Mit zu wenig Selbstvertrauen war im Rödertal nix zu holen (23:15) / 41:33

Nach den letzten beiden Siegen in der Liga, wussten wir dass uns diesmal eine weit größere Aufgabe erwarten würde. Mit einem Kader von 8 Feldspielerinnen und 2 Torhüterinnen ging es fast schon gewohnt in die Partie. Die sehr gut ausgebildete und bisher noch ungeschlagene Truppe von Trainer Steffen Wohlrab ging als haushoher Favorit in die Partie. Und dies sollte sich leider auch direkt in den ersten Minuten des Spieles zeigen.

Wir begannen in der Defensive viel zu passiv und ließen uns weit an den eigenen 6-Meter-Raum zurückdrängen. Diesen Raum nutzten die Gastgeberinnen dankend aus und kamen fast spielerisch zu einfachen Toren. Auch in der Offensive lief es bei uns alles andere als rund. Wir ließen uns von der offensiven und körperlich sehr großgewachsenen Abwehr der Rödertalbienen beeindrucken und agierten viel zu nervös. In Folge dessen lagen wir in der 10. Spielminute bereits mit 7:1 zurück. Danach konnten wir zwar durch zwei Tore auf 7:3 verkürzen, doch auch das gab uns leider nicht das erforderliche Vertrauen in uns selbst zurück. Bis zur Halbzeit stand unsere Abwehr weiterhin zu defensiv und musste auch zu viele „zweite Bälle“ an die Rödertalbienen abgeben. Diese bauten ihren Vorsprung über die Stationen 9:5 (12. Min.) und 15:8 (21. Min.) letztendlich auf ein 23:15 zur Pause aus.

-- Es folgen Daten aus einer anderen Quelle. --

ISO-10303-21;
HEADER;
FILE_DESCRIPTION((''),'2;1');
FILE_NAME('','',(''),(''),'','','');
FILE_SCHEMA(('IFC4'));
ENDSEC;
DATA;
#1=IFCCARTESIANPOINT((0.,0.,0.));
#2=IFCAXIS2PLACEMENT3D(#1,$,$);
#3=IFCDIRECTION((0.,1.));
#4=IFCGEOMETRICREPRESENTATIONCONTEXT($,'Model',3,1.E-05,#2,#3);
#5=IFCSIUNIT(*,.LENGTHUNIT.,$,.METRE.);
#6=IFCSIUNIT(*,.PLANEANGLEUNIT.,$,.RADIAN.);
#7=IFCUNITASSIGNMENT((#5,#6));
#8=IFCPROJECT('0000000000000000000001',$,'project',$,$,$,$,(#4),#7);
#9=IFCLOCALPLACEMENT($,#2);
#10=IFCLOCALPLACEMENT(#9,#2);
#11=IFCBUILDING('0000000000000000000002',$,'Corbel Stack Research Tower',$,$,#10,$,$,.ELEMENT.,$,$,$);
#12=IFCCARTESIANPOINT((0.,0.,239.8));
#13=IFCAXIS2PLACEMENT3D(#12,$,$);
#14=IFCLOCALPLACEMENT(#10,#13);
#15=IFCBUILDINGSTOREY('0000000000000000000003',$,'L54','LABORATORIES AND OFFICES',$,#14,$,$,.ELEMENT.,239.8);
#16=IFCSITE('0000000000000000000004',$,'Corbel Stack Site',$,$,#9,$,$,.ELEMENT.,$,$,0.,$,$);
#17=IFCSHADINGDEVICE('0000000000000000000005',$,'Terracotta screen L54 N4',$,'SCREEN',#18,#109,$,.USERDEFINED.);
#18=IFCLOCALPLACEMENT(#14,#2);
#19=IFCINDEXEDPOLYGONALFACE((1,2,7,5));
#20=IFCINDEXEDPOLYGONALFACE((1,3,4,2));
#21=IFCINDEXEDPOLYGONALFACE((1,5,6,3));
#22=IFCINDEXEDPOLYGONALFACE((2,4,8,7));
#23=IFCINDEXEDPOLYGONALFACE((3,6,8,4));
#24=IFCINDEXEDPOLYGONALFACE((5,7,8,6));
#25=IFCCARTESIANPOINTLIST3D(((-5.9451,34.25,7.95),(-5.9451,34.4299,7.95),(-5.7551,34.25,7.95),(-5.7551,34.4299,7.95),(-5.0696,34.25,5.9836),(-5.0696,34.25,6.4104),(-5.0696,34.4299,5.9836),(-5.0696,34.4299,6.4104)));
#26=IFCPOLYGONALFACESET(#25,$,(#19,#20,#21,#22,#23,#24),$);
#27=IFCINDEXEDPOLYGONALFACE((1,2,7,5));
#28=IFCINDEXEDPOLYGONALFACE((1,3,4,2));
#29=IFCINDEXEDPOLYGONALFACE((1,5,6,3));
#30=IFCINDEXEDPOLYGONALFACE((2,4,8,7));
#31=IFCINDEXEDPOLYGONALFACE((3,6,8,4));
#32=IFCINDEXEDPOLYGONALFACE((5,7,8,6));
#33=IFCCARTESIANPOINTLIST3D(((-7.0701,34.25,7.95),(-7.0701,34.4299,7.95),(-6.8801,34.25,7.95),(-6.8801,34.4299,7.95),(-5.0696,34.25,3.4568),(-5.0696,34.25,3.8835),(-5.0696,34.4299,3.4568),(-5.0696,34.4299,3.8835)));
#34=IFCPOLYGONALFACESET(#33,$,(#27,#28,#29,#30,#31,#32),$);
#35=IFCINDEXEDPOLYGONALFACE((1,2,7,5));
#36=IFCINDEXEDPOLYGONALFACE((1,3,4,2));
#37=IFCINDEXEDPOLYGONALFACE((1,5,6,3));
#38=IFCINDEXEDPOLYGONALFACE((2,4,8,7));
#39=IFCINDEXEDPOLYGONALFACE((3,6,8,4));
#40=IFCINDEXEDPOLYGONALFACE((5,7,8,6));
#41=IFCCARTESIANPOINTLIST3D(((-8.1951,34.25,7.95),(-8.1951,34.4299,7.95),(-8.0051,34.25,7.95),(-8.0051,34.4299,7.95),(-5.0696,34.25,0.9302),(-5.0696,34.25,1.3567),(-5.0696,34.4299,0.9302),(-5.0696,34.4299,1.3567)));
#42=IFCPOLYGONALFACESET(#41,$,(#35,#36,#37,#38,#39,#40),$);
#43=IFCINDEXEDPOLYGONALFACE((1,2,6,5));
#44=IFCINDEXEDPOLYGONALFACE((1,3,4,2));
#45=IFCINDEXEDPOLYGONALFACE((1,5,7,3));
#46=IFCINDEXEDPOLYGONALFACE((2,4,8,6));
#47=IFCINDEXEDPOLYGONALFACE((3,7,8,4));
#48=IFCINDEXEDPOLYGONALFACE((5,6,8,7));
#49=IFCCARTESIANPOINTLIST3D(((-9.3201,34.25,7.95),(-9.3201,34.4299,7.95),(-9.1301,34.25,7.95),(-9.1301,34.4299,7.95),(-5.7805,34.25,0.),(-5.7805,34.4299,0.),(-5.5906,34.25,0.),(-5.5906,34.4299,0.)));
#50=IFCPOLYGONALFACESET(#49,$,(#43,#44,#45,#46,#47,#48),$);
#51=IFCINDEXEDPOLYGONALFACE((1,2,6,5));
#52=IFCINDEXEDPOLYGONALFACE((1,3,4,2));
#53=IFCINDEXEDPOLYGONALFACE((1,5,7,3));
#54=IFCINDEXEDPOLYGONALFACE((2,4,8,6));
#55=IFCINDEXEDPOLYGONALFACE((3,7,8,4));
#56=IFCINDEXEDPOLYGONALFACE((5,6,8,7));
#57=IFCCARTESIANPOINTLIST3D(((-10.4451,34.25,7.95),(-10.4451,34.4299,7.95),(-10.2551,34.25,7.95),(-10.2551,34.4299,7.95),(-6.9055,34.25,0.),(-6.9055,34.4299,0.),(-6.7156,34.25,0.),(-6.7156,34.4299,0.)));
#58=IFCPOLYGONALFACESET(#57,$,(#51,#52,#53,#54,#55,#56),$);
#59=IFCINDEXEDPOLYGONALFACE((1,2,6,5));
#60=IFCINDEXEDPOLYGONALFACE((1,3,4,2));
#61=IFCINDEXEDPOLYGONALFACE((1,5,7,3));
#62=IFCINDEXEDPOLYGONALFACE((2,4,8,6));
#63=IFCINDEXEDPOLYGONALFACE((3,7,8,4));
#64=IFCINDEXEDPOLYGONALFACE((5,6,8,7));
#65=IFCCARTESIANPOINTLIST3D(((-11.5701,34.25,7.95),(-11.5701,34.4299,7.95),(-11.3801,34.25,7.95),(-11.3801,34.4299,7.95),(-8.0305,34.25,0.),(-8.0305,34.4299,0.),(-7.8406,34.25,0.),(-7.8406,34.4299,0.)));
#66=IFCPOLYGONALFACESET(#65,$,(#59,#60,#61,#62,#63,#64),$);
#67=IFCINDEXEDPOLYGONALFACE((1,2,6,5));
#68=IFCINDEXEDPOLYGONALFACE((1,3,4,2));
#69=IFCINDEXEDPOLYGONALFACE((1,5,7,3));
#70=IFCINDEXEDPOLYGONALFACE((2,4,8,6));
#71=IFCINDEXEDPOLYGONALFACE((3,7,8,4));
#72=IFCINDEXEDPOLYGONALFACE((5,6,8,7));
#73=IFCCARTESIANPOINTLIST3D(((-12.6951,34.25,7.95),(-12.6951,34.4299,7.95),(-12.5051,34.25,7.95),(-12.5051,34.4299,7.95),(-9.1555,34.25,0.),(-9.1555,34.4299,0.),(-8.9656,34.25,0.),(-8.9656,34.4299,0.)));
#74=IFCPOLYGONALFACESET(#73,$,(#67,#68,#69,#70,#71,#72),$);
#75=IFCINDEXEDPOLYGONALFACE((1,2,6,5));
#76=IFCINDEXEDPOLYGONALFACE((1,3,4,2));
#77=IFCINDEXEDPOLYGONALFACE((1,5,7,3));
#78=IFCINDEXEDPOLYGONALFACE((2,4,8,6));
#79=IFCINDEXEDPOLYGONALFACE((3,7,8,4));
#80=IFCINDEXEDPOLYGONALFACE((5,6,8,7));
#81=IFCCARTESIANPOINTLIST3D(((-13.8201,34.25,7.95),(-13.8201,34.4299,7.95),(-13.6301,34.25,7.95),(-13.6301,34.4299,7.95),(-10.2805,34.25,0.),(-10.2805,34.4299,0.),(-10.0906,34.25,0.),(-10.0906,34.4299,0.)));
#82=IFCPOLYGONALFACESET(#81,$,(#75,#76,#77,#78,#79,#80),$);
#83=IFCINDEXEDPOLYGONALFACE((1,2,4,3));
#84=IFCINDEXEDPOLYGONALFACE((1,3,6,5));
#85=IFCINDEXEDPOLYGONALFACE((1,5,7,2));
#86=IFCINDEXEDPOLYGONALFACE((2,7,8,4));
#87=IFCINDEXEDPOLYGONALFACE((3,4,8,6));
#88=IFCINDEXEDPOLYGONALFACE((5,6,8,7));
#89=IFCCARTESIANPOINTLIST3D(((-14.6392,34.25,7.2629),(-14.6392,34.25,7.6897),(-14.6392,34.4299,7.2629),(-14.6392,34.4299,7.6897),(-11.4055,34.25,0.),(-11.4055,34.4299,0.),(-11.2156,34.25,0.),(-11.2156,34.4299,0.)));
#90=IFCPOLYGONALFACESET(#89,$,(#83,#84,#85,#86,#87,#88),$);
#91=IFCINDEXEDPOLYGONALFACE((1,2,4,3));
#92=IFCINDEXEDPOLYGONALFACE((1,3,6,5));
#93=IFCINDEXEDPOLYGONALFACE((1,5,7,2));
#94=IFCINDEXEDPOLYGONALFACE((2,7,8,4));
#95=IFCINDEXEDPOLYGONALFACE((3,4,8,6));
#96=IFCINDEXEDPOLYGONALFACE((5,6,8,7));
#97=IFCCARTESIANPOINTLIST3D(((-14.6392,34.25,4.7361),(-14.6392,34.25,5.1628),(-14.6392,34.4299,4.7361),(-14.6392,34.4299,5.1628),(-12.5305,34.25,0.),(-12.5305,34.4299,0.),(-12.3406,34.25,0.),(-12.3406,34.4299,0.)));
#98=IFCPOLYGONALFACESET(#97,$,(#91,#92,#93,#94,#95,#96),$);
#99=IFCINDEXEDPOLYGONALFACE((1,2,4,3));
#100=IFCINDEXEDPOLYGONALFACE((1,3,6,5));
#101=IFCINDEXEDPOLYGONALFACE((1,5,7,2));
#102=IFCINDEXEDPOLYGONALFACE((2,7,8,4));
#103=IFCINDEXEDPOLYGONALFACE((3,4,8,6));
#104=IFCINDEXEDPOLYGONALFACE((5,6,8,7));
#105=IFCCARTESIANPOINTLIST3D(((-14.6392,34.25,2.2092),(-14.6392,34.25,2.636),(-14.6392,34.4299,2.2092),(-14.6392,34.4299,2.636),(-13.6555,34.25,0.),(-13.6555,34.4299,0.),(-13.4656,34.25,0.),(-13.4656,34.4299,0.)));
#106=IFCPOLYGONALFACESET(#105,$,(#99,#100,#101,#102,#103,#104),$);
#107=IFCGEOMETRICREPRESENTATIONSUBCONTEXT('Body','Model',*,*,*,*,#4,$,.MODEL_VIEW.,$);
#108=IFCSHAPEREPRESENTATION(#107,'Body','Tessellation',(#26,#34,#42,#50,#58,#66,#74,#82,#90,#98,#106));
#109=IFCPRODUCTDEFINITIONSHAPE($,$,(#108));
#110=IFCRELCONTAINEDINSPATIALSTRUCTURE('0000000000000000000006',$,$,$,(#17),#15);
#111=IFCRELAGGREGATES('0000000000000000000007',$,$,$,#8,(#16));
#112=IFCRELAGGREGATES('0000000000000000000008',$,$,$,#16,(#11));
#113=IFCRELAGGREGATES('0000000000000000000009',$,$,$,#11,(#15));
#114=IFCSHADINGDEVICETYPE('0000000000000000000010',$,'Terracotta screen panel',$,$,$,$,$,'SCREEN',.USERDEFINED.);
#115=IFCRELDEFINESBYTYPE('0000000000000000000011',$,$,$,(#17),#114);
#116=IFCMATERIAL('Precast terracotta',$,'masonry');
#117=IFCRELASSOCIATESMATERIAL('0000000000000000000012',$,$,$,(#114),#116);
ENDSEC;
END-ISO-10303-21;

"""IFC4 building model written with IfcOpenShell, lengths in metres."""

from ifc_helpers import new_model, si_unit, direction, frame, origin, place, context, subcontext, project, spatial, polyline, outline, extrude, source, transform, mapped, material, type_object, element, save


model = new_model("IFC4")

# Units and contexts
model_context = context("Model", 3, precision=1e-05, world=origin(), true_north=direction((0.0, 1.0)))
body_context = subcontext(model_context, "Body", "Model", "MODEL_VIEW")
ifc_project = project(units=[si_unit("LENGTHUNIT", "METRE"), si_unit("PLANEANGLEUNIT", "RADIAN")], contexts=[model_context])

# Site, building, storey
site_placement = place(None, origin())
site = spatial("IfcSite", under=ifc_project, at=site_placement, Name="Corbel Stack Site", CompositionType="ELEMENT", RefElevation=0.0)
building_placement = place(site_placement, origin())
building = spatial("IfcBuilding", under=site, at=building_placement, Name="Corbel Stack Research Tower", CompositionType="ELEMENT")
storey_placement = place(building_placement, frame((0.0, 0.0, 239.8)))
storey = spatial("IfcBuildingStorey", under=building, at=storey_placement, Name="L54", Description="LABORATORIES AND OFFICES", CompositionType="ELEMENT", Elevation=239.8)

# Shading device
ifc_material_1 = material(Name="Precast terracotta", Category="masonry")
shading_device_type = type_object("IfcShadingDeviceType", Name="Terracotta screen panel", ElementType="SCREEN", PredefinedType="USERDEFINED", material=ifc_material_1)
shared_shape = source(origin(), body_context, "Body", "SweptSolid", [
    extrude(outline(polyline([(0.8755, 7.95), (0.6855, 7.95), (0.0, 6.4104), (0.0, 5.9836), (0.8755, 7.95)])), frame((0.0, 0.0, 0.0), z_axis=(0.0, -1.0, 0.0), x_axis=(1.0, 0.0, 0.0)), (0.0, 0.0, 1.0), 0.1799),
    extrude(outline(polyline([(2.0005, 7.95), (1.8105, 7.95), (0.0, 3.8835), (0.0, 3.4568), (2.0005, 7.95)])), frame((0.0, 0.0, 0.0), z_axis=(0.0, -1.0, 0.0), x_axis=(1.0, 0.0, 0.0)), (0.0, 0.0, 1.0), 0.1799),
    extrude(outline(polyline([(3.1255, 7.95), (2.9355, 7.95), (0.0, 1.3567), (0.0, 0.9302), (3.1255, 7.95)])), frame((0.0, 0.0, 0.0), z_axis=(0.0, -1.0, 0.0), x_axis=(1.0, 0.0, 0.0)), (0.0, 0.0, 1.0), 0.1799),
    extrude(outline(polyline([(0.7109, 0.0), (4.2505, 7.95), (4.0605, 7.95), (0.521, 0.0), (0.7109, 0.0)])), frame((0.0, 0.0, 0.0), z_axis=(0.0, -1.0, 0.0), x_axis=(1.0, 0.0, 0.0)), (0.0, 0.0, 1.0), 0.1799),
    extrude(outline(polyline([(1.8359, 0.0), (5.3755, 7.95), (5.1855, 7.95), (1.646, 0.0), (1.8359, 0.0)])), frame((0.0, 0.0, 0.0), z_axis=(0.0, -1.0, 0.0), x_axis=(1.0, 0.0, 0.0)), (0.0, 0.0, 1.0), 0.1799),
    extrude(outline(polyline([(2.9609, 0.0), (6.5005, 7.95), (6.3105, 7.95), (2.771, 0.0), (2.9609, 0.0)])), frame((0.0, 0.0, 0.0), z_axis=(0.0, -1.0, 0.0), x_axis=(1.0, 0.0, 0.0)), (0.0, 0.0, 1.0), 0.1799),
    extrude(outline(polyline([(4.0859, 0.0), (7.6255, 7.95), (7.4355, 7.95), (3.896, 0.0), (4.0859, 0.0)])), frame((0.0, 0.0, 0.0), z_axis=(0.0, -1.0, 0.0), x_axis=(1.0, 0.0, 0.0)), (0.0, 0.0, 1.0), 0.1799),
    extrude(outline(polyline([(5.2109, 0.0), (8.7505, 7.95), (8.5605, 7.95), (5.021, 0.0), (5.2109, 0.0)])), frame((0.0, 0.0, 0.0), z_axis=(0.0, -1.0, 0.0), x_axis=(1.0, 0.0, 0.0)), (0.0, 0.0, 1.0), 0.1799),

Trainer Sascha Thieme hatte also so einige Baustellen auf die er in der Halbzeit eingehen musste. Er forderte zum einen mehr Einsatz in der Abwehr und ein offensiveres Agieren seiner Ladies. Zum anderen bemängelte er das fehlende Selbstvertrauen in die eigenen Offensivaktionen seiner Schützlinge. Mit dem Willen dies umzusetzen ging es also in die zweite Hälfte.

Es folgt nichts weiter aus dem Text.